According to Michigan case law, “possession” is defined as[i] “‘1. [t]he fact of having or holding property in one’s power; the exercise of dominion over property. 2. [t]he right under which one may exercise control over something to the exclusion of all others; the continuing exercise of a claim to the exclusive use of a material object.’”[ii]. In general, “possession is either actual or constructive.” [iii]“ ‘[A] person has constructive possession if he “knowingly has the power and the intention at a given time to exercise dominion or control over a thing, either directly or through another person or persons….” ’ ”[iv].

Keeping the guns locked in a safe may not be enough to preclude prosecution for felony possession of a firearm while on probation.  A web page from Ionia County sets forth their “zero tolerance” gun policy and makes this explicit.  If you are on probation elsewhere, and your County does not have a zero-tolerance gun policy, then it is still best to check with your probation officer for further guidance. Don’t assume you can keep the guns without checking with your probation officer.  If you’re not happy with the information given to you, or can’t reach your probation officer, then you may want to retain a lawyer to assist you.  Obtaining clarity around this issue is especially important considering that raising a “defense” to a prosecution such as that you were not in possession of firearms kept sequestered within a home where you lived, Michigan Compiled Laws suggests that you will have the burden of proving that this exception applies.  Specifically, MCL § 776.20 provides:

In any prosecution for the violation of any acts of the state relative to use, licensing and possession of pistols or firearms, the burden of establishing any exception, excuse, proviso or exemption contained in any such act shall be upon the defendant but this does not shift the burden of proof for the violation.

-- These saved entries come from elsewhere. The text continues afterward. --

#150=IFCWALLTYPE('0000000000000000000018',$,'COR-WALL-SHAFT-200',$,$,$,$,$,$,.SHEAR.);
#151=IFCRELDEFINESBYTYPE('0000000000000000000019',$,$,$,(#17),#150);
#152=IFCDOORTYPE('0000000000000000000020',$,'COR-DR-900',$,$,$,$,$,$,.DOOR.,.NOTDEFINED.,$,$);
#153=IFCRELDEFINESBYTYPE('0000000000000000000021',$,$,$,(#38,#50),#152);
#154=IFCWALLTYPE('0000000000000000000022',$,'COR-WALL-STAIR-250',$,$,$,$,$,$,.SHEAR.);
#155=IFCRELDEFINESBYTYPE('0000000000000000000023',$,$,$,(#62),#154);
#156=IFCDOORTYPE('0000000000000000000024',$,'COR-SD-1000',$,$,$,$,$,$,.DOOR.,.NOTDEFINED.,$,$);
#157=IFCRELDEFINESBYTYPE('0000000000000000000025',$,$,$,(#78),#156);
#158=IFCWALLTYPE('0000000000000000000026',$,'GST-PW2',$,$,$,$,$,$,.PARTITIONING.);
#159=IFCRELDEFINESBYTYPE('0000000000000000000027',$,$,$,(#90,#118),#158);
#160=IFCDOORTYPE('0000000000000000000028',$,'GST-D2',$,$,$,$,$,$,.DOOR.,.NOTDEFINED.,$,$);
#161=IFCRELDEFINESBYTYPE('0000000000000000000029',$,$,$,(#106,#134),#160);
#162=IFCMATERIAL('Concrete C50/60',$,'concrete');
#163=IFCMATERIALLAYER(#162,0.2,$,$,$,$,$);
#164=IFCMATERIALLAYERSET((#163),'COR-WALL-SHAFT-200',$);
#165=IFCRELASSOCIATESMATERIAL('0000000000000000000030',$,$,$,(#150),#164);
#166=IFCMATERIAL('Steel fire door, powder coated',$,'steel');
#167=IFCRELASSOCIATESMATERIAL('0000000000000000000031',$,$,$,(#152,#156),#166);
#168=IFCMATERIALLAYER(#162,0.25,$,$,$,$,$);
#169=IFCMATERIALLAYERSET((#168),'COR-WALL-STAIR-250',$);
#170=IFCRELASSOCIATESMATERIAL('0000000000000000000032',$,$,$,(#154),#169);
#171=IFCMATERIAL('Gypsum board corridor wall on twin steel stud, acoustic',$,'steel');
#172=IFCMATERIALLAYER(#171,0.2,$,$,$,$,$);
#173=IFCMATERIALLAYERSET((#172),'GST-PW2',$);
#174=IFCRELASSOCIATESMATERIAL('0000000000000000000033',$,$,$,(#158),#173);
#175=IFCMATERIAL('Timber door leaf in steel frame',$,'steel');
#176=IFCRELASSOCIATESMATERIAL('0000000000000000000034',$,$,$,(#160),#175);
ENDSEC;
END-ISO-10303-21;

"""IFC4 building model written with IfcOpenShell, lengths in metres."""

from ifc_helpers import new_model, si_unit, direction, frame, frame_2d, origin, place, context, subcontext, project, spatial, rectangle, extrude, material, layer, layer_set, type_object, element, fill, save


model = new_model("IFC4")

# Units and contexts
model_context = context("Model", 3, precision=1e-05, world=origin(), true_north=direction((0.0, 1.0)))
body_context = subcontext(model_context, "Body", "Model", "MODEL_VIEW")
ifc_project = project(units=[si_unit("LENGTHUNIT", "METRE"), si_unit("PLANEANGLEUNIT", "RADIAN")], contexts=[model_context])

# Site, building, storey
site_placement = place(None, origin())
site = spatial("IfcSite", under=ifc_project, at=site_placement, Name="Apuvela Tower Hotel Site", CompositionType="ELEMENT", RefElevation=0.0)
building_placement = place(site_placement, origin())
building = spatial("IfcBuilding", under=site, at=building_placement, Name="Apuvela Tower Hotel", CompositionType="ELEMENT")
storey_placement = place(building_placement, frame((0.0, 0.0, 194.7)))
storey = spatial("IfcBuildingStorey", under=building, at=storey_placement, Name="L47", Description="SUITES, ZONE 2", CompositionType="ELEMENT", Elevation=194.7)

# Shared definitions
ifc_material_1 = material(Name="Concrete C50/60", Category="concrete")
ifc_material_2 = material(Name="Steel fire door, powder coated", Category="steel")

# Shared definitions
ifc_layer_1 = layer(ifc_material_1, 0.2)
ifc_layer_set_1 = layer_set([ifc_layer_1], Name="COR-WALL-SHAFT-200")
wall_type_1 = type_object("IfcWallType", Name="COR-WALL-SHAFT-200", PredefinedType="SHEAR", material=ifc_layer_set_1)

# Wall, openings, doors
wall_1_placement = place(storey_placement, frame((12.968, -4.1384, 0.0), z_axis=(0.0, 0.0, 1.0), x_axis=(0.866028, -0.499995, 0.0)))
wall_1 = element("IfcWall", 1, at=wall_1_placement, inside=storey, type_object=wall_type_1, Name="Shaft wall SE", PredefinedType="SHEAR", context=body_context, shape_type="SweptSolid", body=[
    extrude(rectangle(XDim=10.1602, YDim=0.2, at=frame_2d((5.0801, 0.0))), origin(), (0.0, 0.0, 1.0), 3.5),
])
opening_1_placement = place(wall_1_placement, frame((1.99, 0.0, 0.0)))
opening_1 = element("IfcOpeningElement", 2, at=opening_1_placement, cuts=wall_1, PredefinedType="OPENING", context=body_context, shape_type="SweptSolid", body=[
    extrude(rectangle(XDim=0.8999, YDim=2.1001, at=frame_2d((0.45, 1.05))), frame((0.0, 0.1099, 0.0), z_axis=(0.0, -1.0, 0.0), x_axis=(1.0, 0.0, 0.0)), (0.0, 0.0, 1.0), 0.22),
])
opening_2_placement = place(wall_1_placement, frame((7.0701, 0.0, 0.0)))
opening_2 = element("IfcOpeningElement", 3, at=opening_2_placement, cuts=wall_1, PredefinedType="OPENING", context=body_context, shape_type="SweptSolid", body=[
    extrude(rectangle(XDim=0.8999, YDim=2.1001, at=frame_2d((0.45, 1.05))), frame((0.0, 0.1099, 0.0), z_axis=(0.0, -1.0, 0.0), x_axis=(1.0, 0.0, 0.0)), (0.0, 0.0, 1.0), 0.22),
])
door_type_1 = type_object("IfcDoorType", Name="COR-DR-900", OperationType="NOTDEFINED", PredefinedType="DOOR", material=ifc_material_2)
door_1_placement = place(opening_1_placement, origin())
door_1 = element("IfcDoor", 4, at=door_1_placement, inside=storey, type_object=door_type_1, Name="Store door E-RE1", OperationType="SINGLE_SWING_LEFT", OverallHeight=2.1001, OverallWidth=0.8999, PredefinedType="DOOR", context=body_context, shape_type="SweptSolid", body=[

If you have been convicted of a felony in Michigan, then until your firearms rights are restored, it is best for you to stay as far away as possible from firearms of all kinds.  Otherwise, you may be placing yourself at risk of not only a violation of probation but of new felony charges.  A conviction for either could send you back to jail.


[i] People v. Mar., 499 Mich. 389, 415–16, 886 N.W.2d 396, 411–12 (2016).

[ii] People v. Flick, 487 Mich. 1, 12, 790 N.W.2d 295 (2010), quoting Black’s Law Dictionary (7th ed.)

[iii] Id. at 14, 790 N.W.2d 295.

[iv] Id., 412 quoting People v. Hill, 433 Mich. 464, 470, 446 N.W.2d 140 (1989) (citation omitted).